Chapter 15 Seth
Seth
The pull hasn’t stopped.
It’s been—hours? Days? Who the hell knows—since that silver light flickered through the dark, and the thing hooked under my ribs hasn’t let up since.
Worse, actually.
It’s gotten sharper. Tighter. Like someone replaced the thread with barbed wire and decided to yank.
I stumble over nothing—because everything here is nothing—and catch myself against empty air.
“Fantastic,” I mutter. “Haunted by a ghost with better cardio than me.”
I keep walking anyway.
What else am I going to do? Stop? Let the pull rip me apart from the inside? At least moving feels like I’m doing something.
Even if that something is probably walking straight into a trap.
The scent hits me again.
Ozone. Sharp. Clean.
Stronger this time.
I freeze, breathing it in like it’s the first real air I’ve tasted in years.
It probably is.
I turn slowly, trying to pinpoint the direction, but it’s everywhere and nowhere. The Void doesn’t do directions. Doesn’t do anything except crush hope and swallow light.
But this—
This is different.
The darkness around me feels… wrong. Not the usual oppressive nothing. There’s a pulse to it. Faint. Like veins of light running through the black.
Silver veins.
I reach out, and the air shimmers where my fingers pass through.
“What the hell?”
I’ve been here long enough to know the Void doesn’t change. Doesn’t react. It just is—static, eternal, empty.
But now it’s moving.
Breathing.
Alive.
And I realize: it’s not the Void changing.
It’s them.
Whoever crossed over, whatever power they’re carrying—it’s rewriting the rules just by existing here.
I laugh. It comes out sharp and bitter.
“Of course. Of course you’re that strong.”
The pull jerks hard, and I stagger forward.
Then I hear it.
Voices.
Faint. Distant. But there.
I stop dead, every muscle locking up.
The Void doesn’t echo. Doesn’t carry sound. When people scream here, it swallows the noise before it can travel.
But I’m hearing voices.
Whispers threading through the dark like they’re being carried on wind that doesn’t exist.
A laugh. A sob. A word I almost recognize.
“Okay,” I whisper. “Now I’m officially losing it.”
But I keep listening.
Because even if I’m going insane, it’s the first sound besides my own voice I’ve heard in so, so long.
The whispers fade, but the pull doesn’t.
It drags me forward, relentless, and I follow because I don’t have a choice anymore.
My legs are shaking. My chest aches. I haven’t rested in—
Actually, I don’t remember the last time I rested.

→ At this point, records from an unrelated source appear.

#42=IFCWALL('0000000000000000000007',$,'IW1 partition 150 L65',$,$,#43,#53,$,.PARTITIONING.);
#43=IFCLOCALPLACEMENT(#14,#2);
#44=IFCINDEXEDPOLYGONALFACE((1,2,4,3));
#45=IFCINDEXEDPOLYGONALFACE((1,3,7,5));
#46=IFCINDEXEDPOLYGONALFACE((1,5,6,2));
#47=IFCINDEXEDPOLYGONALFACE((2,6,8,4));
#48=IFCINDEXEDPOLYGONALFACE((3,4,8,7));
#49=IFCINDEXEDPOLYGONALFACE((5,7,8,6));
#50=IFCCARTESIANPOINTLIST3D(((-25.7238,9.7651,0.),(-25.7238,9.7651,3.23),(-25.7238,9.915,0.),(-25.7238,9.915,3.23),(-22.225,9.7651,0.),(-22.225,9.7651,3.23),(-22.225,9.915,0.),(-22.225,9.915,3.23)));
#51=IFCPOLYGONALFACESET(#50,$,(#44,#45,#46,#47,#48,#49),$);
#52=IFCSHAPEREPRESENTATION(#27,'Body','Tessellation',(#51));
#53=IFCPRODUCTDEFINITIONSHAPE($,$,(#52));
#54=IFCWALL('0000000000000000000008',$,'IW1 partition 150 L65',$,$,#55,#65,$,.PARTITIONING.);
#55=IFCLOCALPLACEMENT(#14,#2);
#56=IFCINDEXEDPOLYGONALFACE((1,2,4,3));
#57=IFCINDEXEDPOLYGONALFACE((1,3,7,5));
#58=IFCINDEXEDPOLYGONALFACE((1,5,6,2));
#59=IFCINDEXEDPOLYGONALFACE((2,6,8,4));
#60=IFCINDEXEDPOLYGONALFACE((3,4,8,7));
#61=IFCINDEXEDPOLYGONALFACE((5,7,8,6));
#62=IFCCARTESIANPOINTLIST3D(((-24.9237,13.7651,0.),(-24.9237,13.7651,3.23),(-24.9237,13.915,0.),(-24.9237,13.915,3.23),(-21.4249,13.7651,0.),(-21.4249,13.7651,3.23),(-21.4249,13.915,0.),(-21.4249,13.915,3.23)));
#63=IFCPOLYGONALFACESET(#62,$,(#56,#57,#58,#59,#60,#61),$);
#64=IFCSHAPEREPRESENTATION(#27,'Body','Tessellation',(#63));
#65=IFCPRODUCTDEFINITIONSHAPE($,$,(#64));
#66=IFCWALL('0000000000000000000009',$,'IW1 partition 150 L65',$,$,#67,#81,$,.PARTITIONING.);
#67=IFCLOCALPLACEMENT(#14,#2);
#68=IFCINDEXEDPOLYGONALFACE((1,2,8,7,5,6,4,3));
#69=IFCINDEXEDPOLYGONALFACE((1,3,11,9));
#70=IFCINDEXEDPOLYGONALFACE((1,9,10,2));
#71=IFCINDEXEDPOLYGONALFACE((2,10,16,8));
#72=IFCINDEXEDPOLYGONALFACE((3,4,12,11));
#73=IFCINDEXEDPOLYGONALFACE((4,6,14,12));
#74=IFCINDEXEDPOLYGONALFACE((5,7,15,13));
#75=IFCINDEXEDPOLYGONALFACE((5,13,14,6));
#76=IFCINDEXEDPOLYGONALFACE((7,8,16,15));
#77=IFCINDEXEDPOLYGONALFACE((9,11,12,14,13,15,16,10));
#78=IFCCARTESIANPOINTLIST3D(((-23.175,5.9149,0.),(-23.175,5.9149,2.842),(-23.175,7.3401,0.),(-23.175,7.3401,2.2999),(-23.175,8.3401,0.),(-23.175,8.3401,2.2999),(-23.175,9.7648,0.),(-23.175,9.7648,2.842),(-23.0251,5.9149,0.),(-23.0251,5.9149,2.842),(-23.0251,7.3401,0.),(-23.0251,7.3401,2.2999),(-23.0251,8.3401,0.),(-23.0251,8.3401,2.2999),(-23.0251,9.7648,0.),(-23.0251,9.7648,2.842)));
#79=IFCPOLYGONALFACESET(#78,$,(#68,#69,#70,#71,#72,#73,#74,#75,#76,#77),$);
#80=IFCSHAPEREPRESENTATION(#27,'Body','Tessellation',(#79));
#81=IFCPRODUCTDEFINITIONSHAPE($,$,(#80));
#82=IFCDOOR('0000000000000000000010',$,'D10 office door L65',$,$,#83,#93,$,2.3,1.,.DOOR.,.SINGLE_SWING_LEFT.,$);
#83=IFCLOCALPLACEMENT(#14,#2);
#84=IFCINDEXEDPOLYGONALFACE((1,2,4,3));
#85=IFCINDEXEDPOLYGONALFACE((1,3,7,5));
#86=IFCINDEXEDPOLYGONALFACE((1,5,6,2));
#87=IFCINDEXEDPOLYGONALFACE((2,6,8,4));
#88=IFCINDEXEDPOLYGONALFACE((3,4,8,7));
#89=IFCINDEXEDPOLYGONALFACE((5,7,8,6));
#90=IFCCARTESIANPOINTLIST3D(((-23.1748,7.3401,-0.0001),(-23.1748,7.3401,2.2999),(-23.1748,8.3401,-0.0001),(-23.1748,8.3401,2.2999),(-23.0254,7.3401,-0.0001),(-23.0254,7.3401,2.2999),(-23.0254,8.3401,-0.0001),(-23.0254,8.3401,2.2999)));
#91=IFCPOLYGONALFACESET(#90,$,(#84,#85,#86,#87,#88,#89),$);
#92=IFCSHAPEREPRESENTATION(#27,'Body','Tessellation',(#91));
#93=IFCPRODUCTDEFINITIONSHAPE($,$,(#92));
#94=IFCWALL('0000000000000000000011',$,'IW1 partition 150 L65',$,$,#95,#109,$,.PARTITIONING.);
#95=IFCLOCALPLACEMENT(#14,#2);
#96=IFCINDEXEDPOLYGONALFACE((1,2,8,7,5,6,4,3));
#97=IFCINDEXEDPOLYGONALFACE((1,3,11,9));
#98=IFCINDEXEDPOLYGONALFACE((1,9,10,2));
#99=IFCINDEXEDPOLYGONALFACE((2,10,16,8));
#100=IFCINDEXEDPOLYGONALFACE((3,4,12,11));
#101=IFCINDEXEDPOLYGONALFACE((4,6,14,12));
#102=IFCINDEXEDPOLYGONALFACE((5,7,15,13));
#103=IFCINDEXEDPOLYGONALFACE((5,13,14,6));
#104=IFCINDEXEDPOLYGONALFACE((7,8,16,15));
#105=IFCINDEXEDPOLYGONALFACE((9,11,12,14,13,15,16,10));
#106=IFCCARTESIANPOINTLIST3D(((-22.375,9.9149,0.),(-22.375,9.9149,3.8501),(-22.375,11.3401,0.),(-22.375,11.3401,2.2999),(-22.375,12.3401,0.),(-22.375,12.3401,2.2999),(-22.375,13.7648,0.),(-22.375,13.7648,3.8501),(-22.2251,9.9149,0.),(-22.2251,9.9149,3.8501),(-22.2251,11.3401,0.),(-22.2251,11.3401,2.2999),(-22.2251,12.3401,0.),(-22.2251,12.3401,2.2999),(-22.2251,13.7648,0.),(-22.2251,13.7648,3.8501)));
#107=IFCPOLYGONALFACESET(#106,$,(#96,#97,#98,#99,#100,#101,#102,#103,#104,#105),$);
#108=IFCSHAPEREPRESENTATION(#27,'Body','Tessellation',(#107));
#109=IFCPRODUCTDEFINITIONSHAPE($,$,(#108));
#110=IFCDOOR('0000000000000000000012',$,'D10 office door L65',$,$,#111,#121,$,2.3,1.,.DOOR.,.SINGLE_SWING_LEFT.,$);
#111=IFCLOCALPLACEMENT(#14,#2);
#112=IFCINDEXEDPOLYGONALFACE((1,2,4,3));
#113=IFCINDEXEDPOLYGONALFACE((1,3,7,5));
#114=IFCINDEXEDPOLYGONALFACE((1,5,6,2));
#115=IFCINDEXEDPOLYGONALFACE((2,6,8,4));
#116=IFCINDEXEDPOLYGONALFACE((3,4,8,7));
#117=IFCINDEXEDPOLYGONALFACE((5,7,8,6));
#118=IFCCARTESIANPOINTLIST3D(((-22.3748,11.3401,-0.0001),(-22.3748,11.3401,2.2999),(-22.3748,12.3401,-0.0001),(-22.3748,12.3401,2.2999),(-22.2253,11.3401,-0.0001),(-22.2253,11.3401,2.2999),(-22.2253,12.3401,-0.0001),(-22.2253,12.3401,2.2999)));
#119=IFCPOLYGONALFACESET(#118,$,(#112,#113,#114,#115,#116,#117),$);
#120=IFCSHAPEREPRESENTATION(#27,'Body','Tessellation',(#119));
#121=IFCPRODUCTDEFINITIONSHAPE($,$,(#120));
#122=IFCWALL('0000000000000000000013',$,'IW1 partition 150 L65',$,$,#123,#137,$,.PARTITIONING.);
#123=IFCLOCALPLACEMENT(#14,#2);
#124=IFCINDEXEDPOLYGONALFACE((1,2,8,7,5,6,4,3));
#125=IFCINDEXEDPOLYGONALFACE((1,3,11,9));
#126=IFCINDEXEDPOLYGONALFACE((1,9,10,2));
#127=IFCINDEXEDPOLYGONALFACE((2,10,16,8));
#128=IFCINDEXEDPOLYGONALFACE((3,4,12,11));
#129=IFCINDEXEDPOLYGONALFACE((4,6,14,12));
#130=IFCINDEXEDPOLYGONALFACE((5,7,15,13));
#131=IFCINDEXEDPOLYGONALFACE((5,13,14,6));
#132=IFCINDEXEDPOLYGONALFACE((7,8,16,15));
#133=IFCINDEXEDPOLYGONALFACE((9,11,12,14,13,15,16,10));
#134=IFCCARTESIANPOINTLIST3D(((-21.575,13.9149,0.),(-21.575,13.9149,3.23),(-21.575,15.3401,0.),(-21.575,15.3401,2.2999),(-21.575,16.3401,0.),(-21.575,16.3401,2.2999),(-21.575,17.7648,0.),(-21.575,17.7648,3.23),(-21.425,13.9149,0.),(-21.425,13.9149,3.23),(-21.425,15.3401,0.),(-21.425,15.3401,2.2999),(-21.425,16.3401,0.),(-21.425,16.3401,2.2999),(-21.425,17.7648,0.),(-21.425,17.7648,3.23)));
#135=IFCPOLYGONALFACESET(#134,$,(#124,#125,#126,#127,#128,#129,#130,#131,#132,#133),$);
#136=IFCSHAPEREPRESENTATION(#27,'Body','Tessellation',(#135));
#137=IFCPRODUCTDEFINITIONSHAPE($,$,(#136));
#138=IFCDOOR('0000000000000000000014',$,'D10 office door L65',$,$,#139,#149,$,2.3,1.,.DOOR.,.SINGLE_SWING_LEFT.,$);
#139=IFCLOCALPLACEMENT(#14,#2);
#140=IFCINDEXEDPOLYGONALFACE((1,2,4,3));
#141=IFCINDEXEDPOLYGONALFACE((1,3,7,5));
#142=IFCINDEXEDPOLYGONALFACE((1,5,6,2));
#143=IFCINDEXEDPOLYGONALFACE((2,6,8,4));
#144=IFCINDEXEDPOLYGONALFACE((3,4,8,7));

Used to be able to. Used to find pockets of relative safety where I could stop moving for a while.
But the pull won’t let me anymore.
It wants me there. Wherever “there” is.
And it’s not taking no for an answer.
I stumble through zones scattered with ash.
Old crossings. Failed attempts. People who tried to walk through the Void and didn’t make it.
I’ve seen this before. Too many times.
The last time I followed a light, it screamed until it turned to ash. Took me a week to stop hearing it.
But this—
This feels different.
Less like a candle burning out.
More like a wildfire spreading.
The silver veins in the darkness get thicker. Brighter. Like roots growing through stone.
And I realize: they’re not fading.
They’re taking hold.
I press a hand to my chest, trying to ease the ache where the pull digs in.
“If you’re Ethos bait,” I mutter, “this is a really elaborate setup.”
But I don’t feel his presence.
That’s what’s unnerving.
He should be here. Should be circling, watching, waiting to strike.
But there’s nothing.
Just the pull. Just the light. Just the voices whispering through the dark.
Either he hasn’t noticed—
Or he wants me to find them.
Either way, I’m already caught.
“Might as well see it through,” I say to the empty black. “Hard to lose when the bar’s this low.”
The pull jerks again, so hard I nearly collapse.
I stumble forward, gasping, and the darkness shifts.
Thins.
That’s the only word for it.
Like I’ve walked into a pocket where the Void is less dense. Less absolute.
The air changes. Warmer. Almost breathable.
And I hear it.
A voice.
A woman’s voice.
Not a whisper this time.
Clear. Close. Real.
One word.
“Stop.”
I freeze, breath caught in my throat.
It’s her.
It has to be.
I whisper into the thinning dark:
“…Who are you?”
No answer.
Just the pull, stronger than ever.
And the certainty that I’m close.
So close I can almost feel her breath.